# Speeding up bit-parallel population count

Author: Wojciech Muła 2015-04-13

# Introduction

This well know method requires logarithmic number of steps in term of the word width. For example the algorithm run on a 64-bit word executes 6 steps:

```const uint64_t t1 = fetch data

const uint64_t t2 = (t1 & 0x5555555555555555llu) + ((t1 >>  1) & 0x5555555555555555llu);
const uint64_t t3 = (t2 & 0x3333333333333333llu) + ((t2 >>  2) & 0x3333333333333333llu);
const uint64_t t4 = (t3 & 0x0f0f0f0f0f0f0f0fllu) + ((t3 >>  4) & 0x0f0f0f0f0f0f0f0fllu);
const uint64_t t5 = (t4 & 0x00ff00ff00ff00ffllu) + ((t4 >>  8) & 0x00ff00ff00ff00ffllu);
const uint64_t t6 = (t5 & 0x0000ffff0000ffffllu) + ((t5 >> 16) & 0x0000ffff0000ffffllu);
const uint64_t t7 = (t6 & 0x00000000ffffffffllu) + ((t6 >> 32) & 0x00000000ffffffffllu);
```

In each step k-bit fields are summed together; we start from 1-bit fields, then 2, 4, 8, 16 and finally 32 bits. Single step requires:

• 2 bit-ands;
• shift right by constant amount;

# Modification

When counting bits in larger data sets it's possible to delay later steps (i.e. operating on wider bit fields) by accumulating partial results from earlier steps as long as a bit field is able to hold the sum value.
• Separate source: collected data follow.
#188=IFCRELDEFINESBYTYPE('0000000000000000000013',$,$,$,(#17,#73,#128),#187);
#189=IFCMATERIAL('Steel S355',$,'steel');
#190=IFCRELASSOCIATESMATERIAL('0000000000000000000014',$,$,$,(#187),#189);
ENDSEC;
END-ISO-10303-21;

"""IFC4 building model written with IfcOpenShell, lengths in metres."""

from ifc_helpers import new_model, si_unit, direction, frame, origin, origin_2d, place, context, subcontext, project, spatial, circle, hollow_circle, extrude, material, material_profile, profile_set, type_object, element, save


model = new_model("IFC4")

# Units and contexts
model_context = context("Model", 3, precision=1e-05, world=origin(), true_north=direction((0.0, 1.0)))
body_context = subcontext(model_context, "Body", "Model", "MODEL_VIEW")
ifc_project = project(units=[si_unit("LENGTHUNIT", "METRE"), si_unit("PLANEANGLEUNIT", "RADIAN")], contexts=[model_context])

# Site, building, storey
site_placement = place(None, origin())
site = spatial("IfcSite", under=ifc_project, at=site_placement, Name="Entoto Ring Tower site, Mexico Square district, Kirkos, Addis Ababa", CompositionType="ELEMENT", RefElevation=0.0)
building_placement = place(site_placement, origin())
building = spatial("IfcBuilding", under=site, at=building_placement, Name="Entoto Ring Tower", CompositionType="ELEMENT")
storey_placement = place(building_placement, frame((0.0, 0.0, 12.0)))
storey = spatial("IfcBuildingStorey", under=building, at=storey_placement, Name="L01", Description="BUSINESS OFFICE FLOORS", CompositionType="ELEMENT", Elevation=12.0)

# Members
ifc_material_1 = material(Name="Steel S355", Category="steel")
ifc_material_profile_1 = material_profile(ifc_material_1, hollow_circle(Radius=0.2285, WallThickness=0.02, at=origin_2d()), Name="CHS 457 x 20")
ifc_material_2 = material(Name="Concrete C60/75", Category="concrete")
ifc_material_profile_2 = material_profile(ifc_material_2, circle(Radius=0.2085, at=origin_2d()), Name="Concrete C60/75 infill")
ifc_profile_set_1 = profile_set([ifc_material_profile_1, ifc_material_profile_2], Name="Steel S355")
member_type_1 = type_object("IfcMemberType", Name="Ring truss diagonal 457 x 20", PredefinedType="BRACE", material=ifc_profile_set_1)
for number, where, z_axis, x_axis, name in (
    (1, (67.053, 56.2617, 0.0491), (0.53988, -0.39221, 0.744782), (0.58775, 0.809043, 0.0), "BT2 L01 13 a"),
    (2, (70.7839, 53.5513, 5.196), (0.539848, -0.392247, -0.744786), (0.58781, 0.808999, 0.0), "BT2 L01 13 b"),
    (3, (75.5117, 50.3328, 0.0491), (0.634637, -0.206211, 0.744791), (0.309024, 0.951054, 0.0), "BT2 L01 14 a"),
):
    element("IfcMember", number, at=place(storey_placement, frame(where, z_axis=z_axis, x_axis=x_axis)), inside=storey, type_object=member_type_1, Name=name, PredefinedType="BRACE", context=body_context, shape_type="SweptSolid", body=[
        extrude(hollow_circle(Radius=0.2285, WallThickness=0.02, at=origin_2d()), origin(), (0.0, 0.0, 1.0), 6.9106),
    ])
For example maximum value of single byte in t4 is 8, thus we can perform up to 255/8 = 31 additions without overflow.

This example shows the idea:

```while (input data) {

uint64_t partial = 0; // local accumulator

for (int k = 0; k < 255/8; k++) {
const uint64_t t1 = fetch input data

const uint64_t t2 = (t1 & 0x5555555555555555llu) + ((t1 >>  1) & 0x5555555555555555llu);
const uint64_t t3 = (t2 & 0x3333333333333333llu) + ((t2 >>  2) & 0x3333333333333333llu);
const uint64_t t4 = (t3 & 0x0f0f0f0f0f0f0f0fllu) + ((t3 >>  4) & 0x0f0f0f0f0f0f0f0fllu);

partial += t4;
}

const uint64_t t5 = (partial & 0x00ff00ff00ff00ffllu) + ((partial >>  8) & 0x00ff00ff00ff00ffllu);
const uint64_t t6 = (t5 & 0x0000ffff0000ffffllu) + ((t5 >> 16) & 0x0000ffff0000ffffllu);
const uint64_t t7 = (t6 & 0x00000000ffffffffllu) + ((t6 >> 32) & 0x00000000ffffffffllu);

result += t7;
}
```

Thanks to that number of operations is smaller comparing to naive version — when processing n 64-bit words the naive version executes:

• 2 ⋅ 6 ⋅ n bit-and;
• 6 ⋅ n shifts

and the modified version:

• 2 ⋅ 3 ⋅ (n + n/31) bit-and;
• 3 ⋅ (n + n/31) shifts;
• 4 ⋅ (n + n/31) additions;

This is nearly 50% less of bit-ands, 50% less of shifts and 40% less of additions.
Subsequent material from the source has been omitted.